Another Day is a 2001 American-Canadian romantic drama film directed by Jeffrey Reiner and starring Shannen Doherty, Julian McMahon, and Max Martini. It was written by Don MacLeod and Helen Frost. It was produced by Eric Norlen and Jean Desormeaux, and released as a television film. It received 53% on Rotten Tomatoes.

==Plot==
Kate has been working a job she doesn't like and saving up to go to medical school. She discovers she's pregnant. Her boyfriend is of good conduct, but she and her boyfriend Paul disagree with her decision not to settle down. She drives all day to David's place, her best friend since childhood. She learns the next day that Paul has died in a factory fire. She reaches the factory. It appears as though Paul ought not have been at the factory and that his death appears to be suicide. Years later Kate has moved on with her life and her new boyfriend is David. She has chosen to raise the child who has grown to be a four-year-old whom she has named Meghan after her mother. David talks about conversations he's had with her that Kate doesn't remember. Kate gets admission to an accounting school. David asks her why she's settled for accounting when she wanted to go to medical school. They have a minor argument in which she accuses David of not doing much with his life either. Meghan plays too close to the river and is swept away by the river current. David jumps into the gushing current to save her. Kate follows and jumps in too. Kate gets separated.

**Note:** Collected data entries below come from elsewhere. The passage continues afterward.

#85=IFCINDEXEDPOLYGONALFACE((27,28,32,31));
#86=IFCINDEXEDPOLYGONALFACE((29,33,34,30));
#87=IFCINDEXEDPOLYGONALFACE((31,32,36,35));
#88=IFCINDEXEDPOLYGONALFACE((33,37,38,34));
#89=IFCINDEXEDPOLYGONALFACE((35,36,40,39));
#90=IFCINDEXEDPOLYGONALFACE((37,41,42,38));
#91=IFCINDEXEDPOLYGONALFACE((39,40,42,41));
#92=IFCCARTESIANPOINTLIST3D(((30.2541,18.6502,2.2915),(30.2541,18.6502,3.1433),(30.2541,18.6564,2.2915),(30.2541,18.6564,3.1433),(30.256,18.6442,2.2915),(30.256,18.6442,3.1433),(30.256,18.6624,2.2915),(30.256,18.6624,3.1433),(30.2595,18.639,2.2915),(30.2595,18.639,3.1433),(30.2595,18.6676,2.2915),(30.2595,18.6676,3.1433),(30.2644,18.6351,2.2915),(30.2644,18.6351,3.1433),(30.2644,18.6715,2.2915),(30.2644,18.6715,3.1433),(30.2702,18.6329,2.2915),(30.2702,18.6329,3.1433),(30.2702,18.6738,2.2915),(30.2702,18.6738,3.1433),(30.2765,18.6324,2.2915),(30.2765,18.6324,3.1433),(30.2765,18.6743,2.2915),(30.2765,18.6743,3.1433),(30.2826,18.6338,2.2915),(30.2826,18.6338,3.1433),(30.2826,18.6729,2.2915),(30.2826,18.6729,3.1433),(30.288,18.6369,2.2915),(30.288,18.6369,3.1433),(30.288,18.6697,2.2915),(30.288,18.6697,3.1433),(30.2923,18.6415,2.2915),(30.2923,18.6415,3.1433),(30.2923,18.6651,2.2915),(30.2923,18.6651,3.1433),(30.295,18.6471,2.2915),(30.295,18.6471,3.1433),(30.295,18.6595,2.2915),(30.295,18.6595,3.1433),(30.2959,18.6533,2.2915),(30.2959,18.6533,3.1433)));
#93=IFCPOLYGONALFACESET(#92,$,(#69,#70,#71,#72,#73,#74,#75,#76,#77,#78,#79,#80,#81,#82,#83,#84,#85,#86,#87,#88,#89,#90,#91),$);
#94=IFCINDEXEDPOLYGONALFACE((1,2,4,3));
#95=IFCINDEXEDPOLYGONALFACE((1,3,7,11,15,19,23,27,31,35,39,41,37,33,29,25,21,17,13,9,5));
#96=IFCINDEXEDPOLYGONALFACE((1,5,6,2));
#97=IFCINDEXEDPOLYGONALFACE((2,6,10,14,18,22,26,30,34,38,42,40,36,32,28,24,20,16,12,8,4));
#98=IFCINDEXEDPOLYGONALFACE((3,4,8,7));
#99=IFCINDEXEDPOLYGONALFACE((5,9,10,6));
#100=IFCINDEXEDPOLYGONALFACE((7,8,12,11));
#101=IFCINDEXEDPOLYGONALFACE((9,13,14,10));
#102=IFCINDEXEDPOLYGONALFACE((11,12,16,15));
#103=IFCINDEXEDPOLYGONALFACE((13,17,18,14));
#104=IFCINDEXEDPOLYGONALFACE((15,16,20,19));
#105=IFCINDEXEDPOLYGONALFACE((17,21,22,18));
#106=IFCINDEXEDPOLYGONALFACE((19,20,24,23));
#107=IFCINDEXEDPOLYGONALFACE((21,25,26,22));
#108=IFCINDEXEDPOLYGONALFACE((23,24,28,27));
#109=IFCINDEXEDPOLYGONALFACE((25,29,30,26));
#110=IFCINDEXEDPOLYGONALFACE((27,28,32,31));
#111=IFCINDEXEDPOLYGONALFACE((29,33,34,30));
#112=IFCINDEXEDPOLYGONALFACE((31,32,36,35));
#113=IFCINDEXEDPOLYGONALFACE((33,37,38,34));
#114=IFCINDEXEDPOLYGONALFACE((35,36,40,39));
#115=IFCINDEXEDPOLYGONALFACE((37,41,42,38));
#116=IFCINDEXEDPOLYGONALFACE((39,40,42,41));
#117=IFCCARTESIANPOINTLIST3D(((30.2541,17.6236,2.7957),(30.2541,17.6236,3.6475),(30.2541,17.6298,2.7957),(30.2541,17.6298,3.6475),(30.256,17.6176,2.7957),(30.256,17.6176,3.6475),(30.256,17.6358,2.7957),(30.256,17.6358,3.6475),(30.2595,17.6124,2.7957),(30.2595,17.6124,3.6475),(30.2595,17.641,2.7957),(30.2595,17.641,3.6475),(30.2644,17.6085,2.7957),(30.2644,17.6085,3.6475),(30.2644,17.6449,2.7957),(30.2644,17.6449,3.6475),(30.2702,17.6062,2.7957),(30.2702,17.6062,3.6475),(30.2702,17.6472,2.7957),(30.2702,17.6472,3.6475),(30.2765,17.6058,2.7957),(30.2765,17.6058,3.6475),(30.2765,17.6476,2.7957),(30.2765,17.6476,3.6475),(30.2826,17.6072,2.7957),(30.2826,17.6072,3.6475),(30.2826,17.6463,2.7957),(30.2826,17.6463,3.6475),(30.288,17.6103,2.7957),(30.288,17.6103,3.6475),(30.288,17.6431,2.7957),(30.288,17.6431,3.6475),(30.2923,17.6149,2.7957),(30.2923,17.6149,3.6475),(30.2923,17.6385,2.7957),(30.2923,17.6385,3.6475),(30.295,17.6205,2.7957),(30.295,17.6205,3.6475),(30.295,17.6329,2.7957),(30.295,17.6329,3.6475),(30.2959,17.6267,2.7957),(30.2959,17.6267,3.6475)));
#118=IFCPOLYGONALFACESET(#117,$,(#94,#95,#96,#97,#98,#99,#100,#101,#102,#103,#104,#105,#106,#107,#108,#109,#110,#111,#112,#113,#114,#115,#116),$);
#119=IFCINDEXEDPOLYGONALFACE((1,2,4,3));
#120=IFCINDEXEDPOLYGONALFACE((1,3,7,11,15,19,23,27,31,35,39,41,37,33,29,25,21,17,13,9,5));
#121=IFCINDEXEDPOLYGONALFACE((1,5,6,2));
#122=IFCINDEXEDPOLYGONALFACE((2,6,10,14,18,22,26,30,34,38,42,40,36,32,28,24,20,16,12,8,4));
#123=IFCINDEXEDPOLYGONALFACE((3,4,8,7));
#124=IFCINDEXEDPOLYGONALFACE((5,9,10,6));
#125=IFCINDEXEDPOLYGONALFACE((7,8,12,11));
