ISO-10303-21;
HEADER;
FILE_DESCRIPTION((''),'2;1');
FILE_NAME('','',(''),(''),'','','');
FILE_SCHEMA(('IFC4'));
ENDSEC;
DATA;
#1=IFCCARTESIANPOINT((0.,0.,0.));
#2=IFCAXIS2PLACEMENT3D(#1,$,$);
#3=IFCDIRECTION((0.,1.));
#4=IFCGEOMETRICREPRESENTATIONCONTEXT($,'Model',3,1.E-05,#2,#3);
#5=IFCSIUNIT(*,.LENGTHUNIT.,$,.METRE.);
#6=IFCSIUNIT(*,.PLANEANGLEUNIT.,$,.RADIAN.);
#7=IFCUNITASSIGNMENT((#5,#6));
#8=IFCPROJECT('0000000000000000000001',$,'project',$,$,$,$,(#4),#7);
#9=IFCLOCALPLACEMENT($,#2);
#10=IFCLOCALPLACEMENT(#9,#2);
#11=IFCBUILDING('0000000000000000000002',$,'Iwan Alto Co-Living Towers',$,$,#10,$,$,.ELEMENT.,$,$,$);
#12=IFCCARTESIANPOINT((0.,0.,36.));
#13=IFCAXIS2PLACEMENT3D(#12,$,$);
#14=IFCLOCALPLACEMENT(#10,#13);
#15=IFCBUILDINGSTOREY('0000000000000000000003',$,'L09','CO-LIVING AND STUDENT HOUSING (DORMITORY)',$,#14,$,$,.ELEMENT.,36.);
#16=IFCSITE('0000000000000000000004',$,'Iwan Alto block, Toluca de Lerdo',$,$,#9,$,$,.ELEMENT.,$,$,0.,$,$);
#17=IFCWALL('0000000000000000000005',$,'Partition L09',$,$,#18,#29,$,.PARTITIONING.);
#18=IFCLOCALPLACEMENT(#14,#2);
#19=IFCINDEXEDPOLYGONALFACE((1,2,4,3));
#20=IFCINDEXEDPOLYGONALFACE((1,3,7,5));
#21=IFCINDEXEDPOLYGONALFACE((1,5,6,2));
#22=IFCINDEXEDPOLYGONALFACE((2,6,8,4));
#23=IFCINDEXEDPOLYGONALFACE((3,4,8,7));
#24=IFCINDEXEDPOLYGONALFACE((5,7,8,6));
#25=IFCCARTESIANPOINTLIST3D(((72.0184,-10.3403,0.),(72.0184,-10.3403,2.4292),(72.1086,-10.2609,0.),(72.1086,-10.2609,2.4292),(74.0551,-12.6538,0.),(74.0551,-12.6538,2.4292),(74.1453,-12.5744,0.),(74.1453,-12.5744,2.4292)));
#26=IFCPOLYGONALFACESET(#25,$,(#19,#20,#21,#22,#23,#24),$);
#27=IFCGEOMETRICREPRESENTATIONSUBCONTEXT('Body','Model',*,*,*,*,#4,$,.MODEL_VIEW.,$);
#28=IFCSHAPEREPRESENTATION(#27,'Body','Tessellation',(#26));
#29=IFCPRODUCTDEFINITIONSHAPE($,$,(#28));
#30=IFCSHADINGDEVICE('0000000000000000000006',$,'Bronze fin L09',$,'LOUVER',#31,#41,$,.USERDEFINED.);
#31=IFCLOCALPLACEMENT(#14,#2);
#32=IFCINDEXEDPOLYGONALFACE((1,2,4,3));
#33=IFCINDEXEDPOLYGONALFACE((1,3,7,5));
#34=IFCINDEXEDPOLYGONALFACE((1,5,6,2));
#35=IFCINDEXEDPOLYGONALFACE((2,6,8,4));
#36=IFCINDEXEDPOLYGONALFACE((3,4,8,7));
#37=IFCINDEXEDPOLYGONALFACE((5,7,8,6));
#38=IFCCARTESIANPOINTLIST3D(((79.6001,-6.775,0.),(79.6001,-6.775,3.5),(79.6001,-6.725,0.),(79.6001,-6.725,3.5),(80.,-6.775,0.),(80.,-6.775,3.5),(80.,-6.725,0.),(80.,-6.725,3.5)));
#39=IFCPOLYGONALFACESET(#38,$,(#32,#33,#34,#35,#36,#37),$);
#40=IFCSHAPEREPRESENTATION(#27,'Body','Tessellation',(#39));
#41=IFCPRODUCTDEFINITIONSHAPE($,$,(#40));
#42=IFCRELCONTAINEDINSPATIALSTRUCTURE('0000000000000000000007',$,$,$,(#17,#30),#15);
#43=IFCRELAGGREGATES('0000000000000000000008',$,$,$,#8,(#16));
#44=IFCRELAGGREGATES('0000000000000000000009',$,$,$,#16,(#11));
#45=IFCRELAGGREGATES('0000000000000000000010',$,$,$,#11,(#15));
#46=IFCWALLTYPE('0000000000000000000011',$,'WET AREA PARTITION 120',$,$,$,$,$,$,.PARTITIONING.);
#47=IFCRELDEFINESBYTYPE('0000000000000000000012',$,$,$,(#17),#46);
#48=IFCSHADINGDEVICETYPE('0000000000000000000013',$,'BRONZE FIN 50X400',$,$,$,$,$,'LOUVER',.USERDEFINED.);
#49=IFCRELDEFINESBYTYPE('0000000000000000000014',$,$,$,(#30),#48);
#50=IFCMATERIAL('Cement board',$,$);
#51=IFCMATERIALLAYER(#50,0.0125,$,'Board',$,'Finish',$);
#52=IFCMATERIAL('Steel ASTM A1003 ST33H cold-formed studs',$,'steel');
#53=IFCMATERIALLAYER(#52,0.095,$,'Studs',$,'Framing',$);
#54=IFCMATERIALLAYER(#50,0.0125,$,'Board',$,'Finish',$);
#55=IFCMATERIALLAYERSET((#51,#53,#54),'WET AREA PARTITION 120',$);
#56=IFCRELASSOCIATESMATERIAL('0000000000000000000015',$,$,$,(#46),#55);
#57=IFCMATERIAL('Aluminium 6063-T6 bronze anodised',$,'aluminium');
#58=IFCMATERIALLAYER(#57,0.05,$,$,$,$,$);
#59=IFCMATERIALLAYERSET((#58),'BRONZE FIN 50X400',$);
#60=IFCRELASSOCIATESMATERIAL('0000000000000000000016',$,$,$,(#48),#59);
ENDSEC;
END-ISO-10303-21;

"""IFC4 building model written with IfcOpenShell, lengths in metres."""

from ifc_helpers import new_model, si_unit, direction, frame, frame_2d, origin, origin_2d, place, context, subcontext, project, spatial, rectangle, extrude, material, layer, layer_set, type_object, element, save


model = new_model("IFC4")

# Units and contexts
model_context = context("Model", 3, precision=1e-05, world=origin(), true_north=direction((0.0, 1.0)))
body_context = subcontext(model_context, "Body", "Model", "MODEL_VIEW")
ifc_project = project(units=[si_unit("LENGTHUNIT", "METRE"), si_unit("PLANEANGLEUNIT", "RADIAN")], contexts=[model_context])

# Site, building, storey
site_placement = place(None, origin())
site = spatial("IfcSite", under=ifc_project, at=site_placement, Name="Iwan Alto block, Toluca de Lerdo", CompositionType="ELEMENT", RefElevation=0.0)
building_placement = place(site_placement, origin())
building = spatial("IfcBuilding", under=site, at=building_placement, Name="Iwan Alto Co-Living Towers", CompositionType="ELEMENT")
storey_placement = place(building_placement, frame((0.0, 0.0, 36.0)))
storey = spatial("IfcBuildingStorey", under=building, at=storey_placement, Name="L09", Description="CO-LIVING AND STUDENT HOUSING (DORMITORY)", CompositionType="ELEMENT", Elevation=36.0)

# Shared definitions
ifc_material_1 = material(Name="Steel ASTM A1003 ST33H cold-formed studs", Category="steel")
ifc_material_2 = material(Name="Cement board")
ifc_layer_1 = layer(ifc_material_2, 0.0125, Name="Board", Category="Finish")
ifc_layer_2 = layer(ifc_material_1, 0.095, Name="Studs", Category="Framing")
ifc_layer_3 = layer(ifc_material_2, 0.0125, Name="Board", Category="Finish")
ifc_layer_set_1 = layer_set([ifc_layer_1, ifc_layer_2, ifc_layer_3], Name="WET AREA PARTITION 120")
wall_type_1 = type_object("IfcWallType", Name="WET AREA PARTITION 120", PredefinedType="PARTITIONING", material=ifc_layer_set_1)

# Wall
wall_1_placement = place(storey_placement, frame((74.1001, -12.614, 0.0), z_axis=(0.0, 0.0, 1.0), x_axis=(-0.660767, 0.750591, 0.0)))
element("IfcWall", 1, at=wall_1_placement, inside=storey, type_object=wall_type_1, Name="Partition L09", PredefinedType="PARTITIONING", context=body_context, shape_type="SweptSolid", body=[
    extrude(rectangle(XDim=3.0823, YDim=0.1201, at=frame_2d((1.541, 0.0))), origin(), (0.0, 0.0, 1.0), 2.4292),
])

# Shading device
ifc_material_3 = material(Name="Aluminium 6063-T6 bronze anodised", Category="aluminium")
ifc_layer_4 = layer(ifc_material_3, 0.05)
ifc_layer_set_2 = layer_set([ifc_layer_4], Name="BRONZE FIN 50X400")
shading_device_type = type_object("IfcShadingDeviceType", Name="BRONZE FIN 50X400", ElementType="LOUVER", PredefinedType="USERDEFINED", material=ifc_layer_set_2)
shading_device_placement = place(storey_placement, frame((79.8, -6.75, 0.0), z_axis=(0.0, 0.0, 1.0), x_axis=(0.0, 1.0, 0.0)))
element("IfcShadingDevice", 2, at=shading_device_placement, inside=storey, type_object=shading_device_type, Name="Bronze fin L09", ObjectType="LOUVER", PredefinedType="USERDEFINED", context=body_context, shape_type="SweptSolid", body=[
    extrude(rectangle(XDim=0.05, YDim=0.3999, at=origin_2d()), origin(), (0.0, 0.0, 1.0), 3.5),
])

save(model, "model.ifc")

Kate is then swept ashore and saved by the river patrol police. She awakens to discover that she has gone back in time to before Paul's accident. She slowly gets used to the time when David is still her friend and Paul is her boyfriend. She extracts a promise from Paul to never go near the factory and to marry her soon. Paul leaves early the next morning in his river boat to go to his retreat to have time to himself to think it over. David and Kate get worried and go off in search of him. They do not find him, but during the excursion she learns that David wanted to make it big by selling art in the big city. She discovers David has feelings for her when he says he's not going to miss anything if he dies, but he's terrified of what he misses if he lives. On the way she asks to be dropped at the factory. David returns home, and tells a frantic Paul she's at the factory. Paul goes to get her. At the factory Kate discovers the fire was started by an acquaintance who works for security at the factory on account of negligence by lighting a cigarette on premises. She gets hurt as the fire intensifies with explosions. Paul arrives, however he gets fatally hurt by shrapnel as more blasts occur. Kate tries to drag Paul, but eventually has to save her own life. She sees her other self arrive from the factory windows. Her memory fades and the next thing she knows is that she's in the water.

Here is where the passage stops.